Visual Source Safe - Removing files from web projects

I'll try to make this as straight forward as possible.
Currently our team has a VSS database where our projects are stored.
Developers grab the code and place on their localhost machine and develop locally.
Designated developer grabs latest version and pushes to development server.
The problem is, when a file is removed from the project (by deleting it in VS2008) then the next time another developer (not the one who deleted it) checks in, it prompts them to check in those deleted files because they still have a copy on their local machine.
Is there a way around this? To have VSS instruct the client machine to remove these files and not prompt them to check back in? What is the preferred approach for this?
Edit Note(s):
I agree SVN is better than VSS
I agree Web Application project is better than Web Site project
Problem: This same thing happens with files which are removed from class libraries.

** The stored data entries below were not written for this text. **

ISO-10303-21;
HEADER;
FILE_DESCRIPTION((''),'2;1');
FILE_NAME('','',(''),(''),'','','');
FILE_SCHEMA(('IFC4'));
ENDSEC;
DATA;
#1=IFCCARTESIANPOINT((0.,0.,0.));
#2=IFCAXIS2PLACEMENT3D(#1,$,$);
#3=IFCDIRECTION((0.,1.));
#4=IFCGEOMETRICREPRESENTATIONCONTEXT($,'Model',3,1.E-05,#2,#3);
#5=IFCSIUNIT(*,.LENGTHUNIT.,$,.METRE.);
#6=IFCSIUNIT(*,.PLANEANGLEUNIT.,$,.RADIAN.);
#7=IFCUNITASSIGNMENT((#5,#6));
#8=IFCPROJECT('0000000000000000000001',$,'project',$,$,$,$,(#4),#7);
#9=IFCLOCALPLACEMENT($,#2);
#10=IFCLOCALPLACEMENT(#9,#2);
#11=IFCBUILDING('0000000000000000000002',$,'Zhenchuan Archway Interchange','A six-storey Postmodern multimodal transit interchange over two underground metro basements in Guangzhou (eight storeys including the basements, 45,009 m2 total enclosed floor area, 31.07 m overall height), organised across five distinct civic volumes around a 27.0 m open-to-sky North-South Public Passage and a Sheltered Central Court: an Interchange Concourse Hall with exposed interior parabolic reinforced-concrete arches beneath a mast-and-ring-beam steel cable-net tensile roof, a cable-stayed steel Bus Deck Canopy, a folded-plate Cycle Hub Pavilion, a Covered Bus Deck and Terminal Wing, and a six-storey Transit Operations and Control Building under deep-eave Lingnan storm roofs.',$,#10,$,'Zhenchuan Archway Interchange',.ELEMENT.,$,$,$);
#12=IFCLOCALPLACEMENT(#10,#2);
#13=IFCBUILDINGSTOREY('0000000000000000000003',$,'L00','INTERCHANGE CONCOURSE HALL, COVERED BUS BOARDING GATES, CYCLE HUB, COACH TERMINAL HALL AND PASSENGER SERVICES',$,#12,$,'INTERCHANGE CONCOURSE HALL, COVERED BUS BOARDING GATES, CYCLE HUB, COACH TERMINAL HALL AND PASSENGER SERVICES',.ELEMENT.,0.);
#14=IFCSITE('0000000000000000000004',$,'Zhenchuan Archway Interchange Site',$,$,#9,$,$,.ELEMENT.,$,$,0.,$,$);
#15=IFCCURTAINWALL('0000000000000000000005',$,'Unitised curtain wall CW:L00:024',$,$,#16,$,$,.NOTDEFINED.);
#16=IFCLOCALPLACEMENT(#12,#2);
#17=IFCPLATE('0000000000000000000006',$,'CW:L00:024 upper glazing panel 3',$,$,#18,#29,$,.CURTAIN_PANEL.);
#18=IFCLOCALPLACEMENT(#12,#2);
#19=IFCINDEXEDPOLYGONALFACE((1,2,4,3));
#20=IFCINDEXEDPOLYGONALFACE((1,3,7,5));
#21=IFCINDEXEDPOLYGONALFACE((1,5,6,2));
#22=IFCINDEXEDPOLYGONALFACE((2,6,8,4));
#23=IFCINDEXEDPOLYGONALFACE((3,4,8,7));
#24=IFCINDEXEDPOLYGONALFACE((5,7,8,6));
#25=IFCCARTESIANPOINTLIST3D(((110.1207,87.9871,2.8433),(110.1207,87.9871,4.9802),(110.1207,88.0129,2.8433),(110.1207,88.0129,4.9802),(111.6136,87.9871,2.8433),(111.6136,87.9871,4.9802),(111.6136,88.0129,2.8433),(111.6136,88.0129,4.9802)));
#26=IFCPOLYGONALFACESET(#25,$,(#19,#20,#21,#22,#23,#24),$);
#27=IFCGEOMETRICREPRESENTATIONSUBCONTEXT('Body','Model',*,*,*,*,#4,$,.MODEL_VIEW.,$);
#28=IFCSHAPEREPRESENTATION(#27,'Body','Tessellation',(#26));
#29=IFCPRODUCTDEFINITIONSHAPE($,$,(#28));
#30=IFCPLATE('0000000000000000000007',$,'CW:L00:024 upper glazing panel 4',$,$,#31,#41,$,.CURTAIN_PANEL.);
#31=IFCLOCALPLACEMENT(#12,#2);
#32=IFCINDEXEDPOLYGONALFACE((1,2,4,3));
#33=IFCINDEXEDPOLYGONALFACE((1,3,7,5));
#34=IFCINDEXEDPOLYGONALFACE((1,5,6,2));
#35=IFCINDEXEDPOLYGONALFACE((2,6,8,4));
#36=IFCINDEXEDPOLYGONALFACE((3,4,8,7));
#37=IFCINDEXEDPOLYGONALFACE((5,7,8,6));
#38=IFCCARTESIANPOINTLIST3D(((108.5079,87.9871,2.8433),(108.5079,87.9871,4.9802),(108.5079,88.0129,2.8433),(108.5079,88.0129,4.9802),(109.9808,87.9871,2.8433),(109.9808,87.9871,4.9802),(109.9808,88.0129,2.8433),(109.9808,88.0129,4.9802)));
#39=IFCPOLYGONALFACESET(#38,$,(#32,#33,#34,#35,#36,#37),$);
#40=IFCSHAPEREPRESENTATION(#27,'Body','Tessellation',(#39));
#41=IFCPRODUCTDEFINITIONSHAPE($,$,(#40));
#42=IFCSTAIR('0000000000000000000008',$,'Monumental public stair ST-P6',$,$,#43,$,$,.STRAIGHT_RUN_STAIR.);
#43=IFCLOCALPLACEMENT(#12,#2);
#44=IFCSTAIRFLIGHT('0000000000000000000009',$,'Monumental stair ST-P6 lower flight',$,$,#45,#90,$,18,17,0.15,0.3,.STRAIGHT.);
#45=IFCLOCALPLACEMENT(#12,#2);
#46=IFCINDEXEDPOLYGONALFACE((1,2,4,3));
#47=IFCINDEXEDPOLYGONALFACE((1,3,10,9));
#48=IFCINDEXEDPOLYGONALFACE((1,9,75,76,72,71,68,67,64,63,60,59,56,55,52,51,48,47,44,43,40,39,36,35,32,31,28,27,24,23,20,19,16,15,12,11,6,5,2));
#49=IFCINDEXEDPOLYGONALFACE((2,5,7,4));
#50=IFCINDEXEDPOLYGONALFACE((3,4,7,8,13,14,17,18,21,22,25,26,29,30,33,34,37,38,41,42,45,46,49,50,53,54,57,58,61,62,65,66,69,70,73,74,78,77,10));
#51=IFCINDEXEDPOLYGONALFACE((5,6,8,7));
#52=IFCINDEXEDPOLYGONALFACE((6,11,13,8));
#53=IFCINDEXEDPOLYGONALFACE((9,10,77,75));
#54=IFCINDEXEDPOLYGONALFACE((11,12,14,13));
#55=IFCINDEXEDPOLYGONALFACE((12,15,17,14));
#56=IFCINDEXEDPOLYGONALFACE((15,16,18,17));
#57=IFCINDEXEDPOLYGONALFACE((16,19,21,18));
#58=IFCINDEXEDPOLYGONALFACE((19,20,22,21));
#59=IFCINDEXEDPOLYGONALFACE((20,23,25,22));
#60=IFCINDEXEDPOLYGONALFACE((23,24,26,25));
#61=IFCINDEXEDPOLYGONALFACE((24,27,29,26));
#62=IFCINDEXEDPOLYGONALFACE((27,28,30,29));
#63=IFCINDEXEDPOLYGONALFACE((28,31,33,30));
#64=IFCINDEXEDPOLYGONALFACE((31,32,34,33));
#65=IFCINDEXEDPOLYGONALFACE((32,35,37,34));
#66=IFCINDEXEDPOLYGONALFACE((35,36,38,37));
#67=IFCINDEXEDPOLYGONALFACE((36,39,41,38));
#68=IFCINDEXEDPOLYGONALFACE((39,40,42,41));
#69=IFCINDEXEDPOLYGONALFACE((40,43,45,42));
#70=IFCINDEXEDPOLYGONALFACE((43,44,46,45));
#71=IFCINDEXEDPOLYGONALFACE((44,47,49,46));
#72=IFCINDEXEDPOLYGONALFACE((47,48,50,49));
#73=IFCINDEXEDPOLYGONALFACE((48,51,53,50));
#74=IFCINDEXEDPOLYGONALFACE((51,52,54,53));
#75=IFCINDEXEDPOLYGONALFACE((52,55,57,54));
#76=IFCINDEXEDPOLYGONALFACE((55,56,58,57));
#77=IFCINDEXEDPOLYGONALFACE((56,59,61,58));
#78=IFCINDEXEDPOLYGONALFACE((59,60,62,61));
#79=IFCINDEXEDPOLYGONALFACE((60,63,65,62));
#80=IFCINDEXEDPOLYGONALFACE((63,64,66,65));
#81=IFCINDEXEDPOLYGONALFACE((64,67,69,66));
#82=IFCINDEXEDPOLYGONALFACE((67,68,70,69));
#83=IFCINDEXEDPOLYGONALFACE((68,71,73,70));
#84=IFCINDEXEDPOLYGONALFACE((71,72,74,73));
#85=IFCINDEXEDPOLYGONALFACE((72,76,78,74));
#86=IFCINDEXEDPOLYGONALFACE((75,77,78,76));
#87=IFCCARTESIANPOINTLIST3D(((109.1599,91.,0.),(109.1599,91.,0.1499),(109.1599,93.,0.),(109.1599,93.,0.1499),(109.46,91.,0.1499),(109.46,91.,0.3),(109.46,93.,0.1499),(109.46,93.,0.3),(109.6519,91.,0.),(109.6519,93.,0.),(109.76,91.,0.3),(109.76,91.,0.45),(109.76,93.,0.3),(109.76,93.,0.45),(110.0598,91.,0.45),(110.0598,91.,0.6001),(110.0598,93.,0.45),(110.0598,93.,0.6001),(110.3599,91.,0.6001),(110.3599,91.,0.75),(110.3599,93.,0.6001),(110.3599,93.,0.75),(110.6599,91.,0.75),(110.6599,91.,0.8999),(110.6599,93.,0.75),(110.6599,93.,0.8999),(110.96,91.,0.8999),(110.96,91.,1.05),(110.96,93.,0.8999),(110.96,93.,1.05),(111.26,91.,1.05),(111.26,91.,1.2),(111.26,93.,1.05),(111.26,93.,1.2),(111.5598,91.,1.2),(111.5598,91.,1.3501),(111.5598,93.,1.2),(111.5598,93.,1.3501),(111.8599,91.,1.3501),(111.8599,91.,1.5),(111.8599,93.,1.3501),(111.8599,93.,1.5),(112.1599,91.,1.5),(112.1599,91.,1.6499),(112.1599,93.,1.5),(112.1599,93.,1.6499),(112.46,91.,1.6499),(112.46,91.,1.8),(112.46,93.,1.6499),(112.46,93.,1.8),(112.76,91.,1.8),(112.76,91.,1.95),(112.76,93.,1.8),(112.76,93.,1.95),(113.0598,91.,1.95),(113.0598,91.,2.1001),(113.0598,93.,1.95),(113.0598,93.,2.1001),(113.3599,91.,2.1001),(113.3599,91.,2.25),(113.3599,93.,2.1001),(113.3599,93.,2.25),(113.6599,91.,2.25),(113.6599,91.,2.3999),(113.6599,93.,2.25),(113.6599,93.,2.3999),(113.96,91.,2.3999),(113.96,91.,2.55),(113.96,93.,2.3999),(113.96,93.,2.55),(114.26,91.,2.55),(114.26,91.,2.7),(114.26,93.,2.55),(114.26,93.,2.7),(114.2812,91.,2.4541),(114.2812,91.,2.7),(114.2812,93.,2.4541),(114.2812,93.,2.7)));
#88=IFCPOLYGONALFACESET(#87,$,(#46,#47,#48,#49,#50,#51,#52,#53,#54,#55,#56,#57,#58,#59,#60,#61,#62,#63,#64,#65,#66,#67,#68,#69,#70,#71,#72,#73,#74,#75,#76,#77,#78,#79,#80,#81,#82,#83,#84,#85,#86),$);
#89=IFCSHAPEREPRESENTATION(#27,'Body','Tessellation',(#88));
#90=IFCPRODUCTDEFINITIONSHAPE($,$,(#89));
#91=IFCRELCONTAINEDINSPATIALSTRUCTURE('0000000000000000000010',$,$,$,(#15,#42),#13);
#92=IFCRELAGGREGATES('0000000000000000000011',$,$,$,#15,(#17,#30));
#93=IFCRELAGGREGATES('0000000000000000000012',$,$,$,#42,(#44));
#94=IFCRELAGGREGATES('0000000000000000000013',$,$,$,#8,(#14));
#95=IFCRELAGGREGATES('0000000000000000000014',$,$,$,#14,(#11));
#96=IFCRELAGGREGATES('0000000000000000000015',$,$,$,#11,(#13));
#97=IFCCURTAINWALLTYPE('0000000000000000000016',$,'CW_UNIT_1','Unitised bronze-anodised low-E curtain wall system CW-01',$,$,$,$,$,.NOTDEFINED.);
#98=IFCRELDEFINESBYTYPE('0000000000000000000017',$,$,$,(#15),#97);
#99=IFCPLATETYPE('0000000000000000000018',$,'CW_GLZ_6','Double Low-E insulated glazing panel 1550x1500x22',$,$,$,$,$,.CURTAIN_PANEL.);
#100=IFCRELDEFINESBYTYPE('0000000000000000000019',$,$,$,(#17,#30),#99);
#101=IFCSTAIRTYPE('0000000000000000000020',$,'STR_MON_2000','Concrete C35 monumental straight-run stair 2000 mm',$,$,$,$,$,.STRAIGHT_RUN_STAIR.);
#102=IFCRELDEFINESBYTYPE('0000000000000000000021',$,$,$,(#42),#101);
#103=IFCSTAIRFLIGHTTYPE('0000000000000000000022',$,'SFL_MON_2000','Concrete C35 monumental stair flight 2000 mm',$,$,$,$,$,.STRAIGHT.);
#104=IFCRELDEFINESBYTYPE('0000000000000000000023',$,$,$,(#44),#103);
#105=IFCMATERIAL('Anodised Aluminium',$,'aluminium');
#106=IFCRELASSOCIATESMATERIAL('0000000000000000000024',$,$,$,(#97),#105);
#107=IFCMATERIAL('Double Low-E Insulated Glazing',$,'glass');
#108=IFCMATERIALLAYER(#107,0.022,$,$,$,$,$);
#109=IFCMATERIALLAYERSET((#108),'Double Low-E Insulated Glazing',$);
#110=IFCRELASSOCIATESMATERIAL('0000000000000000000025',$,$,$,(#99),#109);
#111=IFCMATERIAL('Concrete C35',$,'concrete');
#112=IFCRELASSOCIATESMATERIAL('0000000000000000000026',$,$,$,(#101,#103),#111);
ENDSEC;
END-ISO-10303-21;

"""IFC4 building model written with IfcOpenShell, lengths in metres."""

from ifc_helpers import new_model, si_unit, direction, frame, origin, origin_2d, place, context, subcontext, project, spatial, polyline, rectangle, outline, extrude, material, layer, layer_set, type_object, element, aggregate, save


model = new_model("IFC4")

# Units and contexts
model_context = context("Model", 3, precision=1e-05, world=origin(), true_north=direction((0.0, 1.0)))
body_context = subcontext(model_context, "Body", "Model", "MODEL_VIEW")
ifc_project = project(units=[si_unit("LENGTHUNIT", "METRE"), si_unit("PLANEANGLEUNIT", "RADIAN")], contexts=[model_context])

# Site, building, storey
site_placement = place(None, origin())
site = spatial("IfcSite", under=ifc_project, at=site_placement, Name="Zhenchuan Archway Interchange Site", CompositionType="ELEMENT", RefElevation=0.0)
building_placement = place(site_placement, origin())
building = spatial("IfcBuilding", under=site, at=building_placement, Name="Zhenchuan Archway Interchange", Description="A six-storey Postmodern multimodal transit interchange over two underground metro basements in Guangzhou (eight storeys including the basements, 45,009 m2 total enclosed floor area, 31.07 m overall height), organised across five distinct civic volumes around a 27.0 m open-to-sky North-South Public Passage and a Sheltered Central Court: an Interchange Concourse Hall with exposed interior parabolic reinforced-concrete arches beneath a mast-and-ring-beam steel cable-net tensile roof, a cable-stayed steel Bus Deck Canopy, a folded-plate Cycle Hub Pavilion, a Covered Bus Deck and Terminal Wing, and a six-storey Transit Operations and Control Building under deep-eave Lingnan storm roofs.", LongName="Zhenchuan Archway Interchange", CompositionType="ELEMENT")
storey_placement = place(building_placement, origin())
storey = spatial("IfcBuildingStorey", under=building, at=storey_placement, Name="L00", Description="INTERCHANGE CONCOURSE HALL, COVERED BUS BOARDING GATES, CYCLE HUB, COACH TERMINAL HALL AND PASSENGER SERVICES", LongName="INTERCHANGE CONCOURSE HALL, COVERED BUS BOARDING GATES, CYCLE HUB, COACH TERMINAL HALL AND PASSENGER SERVICES", CompositionType="ELEMENT", Elevation=0.0)

# Curtain wall, plates
ifc_material_1 = material(Name="Anodised Aluminium", Category="aluminium")
curtain_wall_type = type_object("IfcCurtainWallType", Name="CW_UNIT_1", Description="Unitised bronze-anodised low-E curtain wall system CW-01", PredefinedType="NOTDEFINED", material=ifc_material_1)
curtain_wall_placement = place(storey_placement, origin())
curtain_wall = element("IfcCurtainWall", 1, at=curtain_wall_placement, inside=storey, type_object=curtain_wall_type, Name="Unitised curtain wall CW:L00:024", PredefinedType="NOTDEFINED")
ifc_material_2 = material(Name="Double Low-E Insulated Glazing", Category="glass")
ifc_layer_1 = layer(ifc_material_2, 0.022)
ifc_layer_set_1 = layer_set([ifc_layer_1], Name="Double Low-E Insulated Glazing")
plate_type_1 = type_object("IfcPlateType", Name="CW_GLZ_6", Description="Double Low-E insulated glazing panel 1550x1500x22", PredefinedType="CURTAIN_PANEL", material=ifc_layer_set_1)
plate_1_placement = place(storey_placement, frame((110.8672, 88.0, 2.8433), z_axis=(0.0, 0.0, 1.0), x_axis=(-1.0, 0.0, 0.0)))
plate_1 = element("IfcPlate", 2, at=plate_1_placement, type_object=plate_type_1, Name="CW:L00:024 upper glazing panel 3", PredefinedType="CURTAIN_PANEL", context=body_context, shape_type="SweptSolid", body=[
    extrude(rectangle(XDim=1.4929, YDim=0.0259, at=origin_2d()), origin(), (0.0, 0.0, 1.0), 2.137),
])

You number one way around this is to stop using web site projects. Web Site Projects cause visual studio to automatically add anything it finds in the project path to the project.
Instead, move to Web Application Projects which don't have this behavior problem.
Web Site projects are good for single person developments.
UPDATE:
VB shops from the days gone past had similiar issues in that whatever they had installed affected the build process. You might take a page from their playbook and have a "clean" build machine. Prior to doing a deployment you would delete all of the project folders, then do a get latest. This way you would be sure that the only thing deployed is what you have in source control.
Incidentally, this is also how the TFS Build server works. It deletes the workspace, then creates a new one and downloads the necessary project files.
Further, you might consider using something like Cruise Control to handle builds.
Maybe the dev should take care to only check in or add things that they have been working on. Its kind of sloppy if they are adding things that they were not even using.
Your best solution would be to switch to a better version control system, like SVN.
At my job we recently acquired a project from an outsourcing company who did use VSS as their version control. We were able to import all of the change history into SVN from VSS, and get up and running pretty quickly with SVN at that point.
And with SVN, you can set up ignores for files and folders, so the files in your web projects dont get put into SVN and the ignore attributes are checked out onto each developer's machine
I believe we used VSSMigrate to do the migration to SVN http://www.poweradmin.com/sourcecode/vssmigrate.aspx
VSS is an awful versioning system and you should switch to SVN but that's got nothing to do with the crux of the problem. The project file contains references to what files are actually part of the project. If the visual studio project isn't checked in along with the changes to it, theres no way for any other developer to be fully updated hence queries to delete files when they grab the latest from VSS. From there you've got multiple choices...
Make the vbproj part of the repository. Any project level changes will be part of the commit and other developers can be notified. Problem here is it's also going to be on the dev server. Ideally you could use near the same process to deploy to dev as you would to deploy as release. This leads into the other way...
SVN gives you hooks for almost all major events, where hooks are literally just a properly named batch file / exe. For your purposes, you could use a post-commit hook to push the appropriate files, say via ftp, to the server on every commit. File problems solved, and more importantly closer towards the concept of continuous integration.
Something you may want to consider doing:
Get Latest (Recursive)
Check In ...
Its a manual process, but it may give you the desired result, plus if VS talks about deleted files, you know they should be deleted from the local machine in step 1.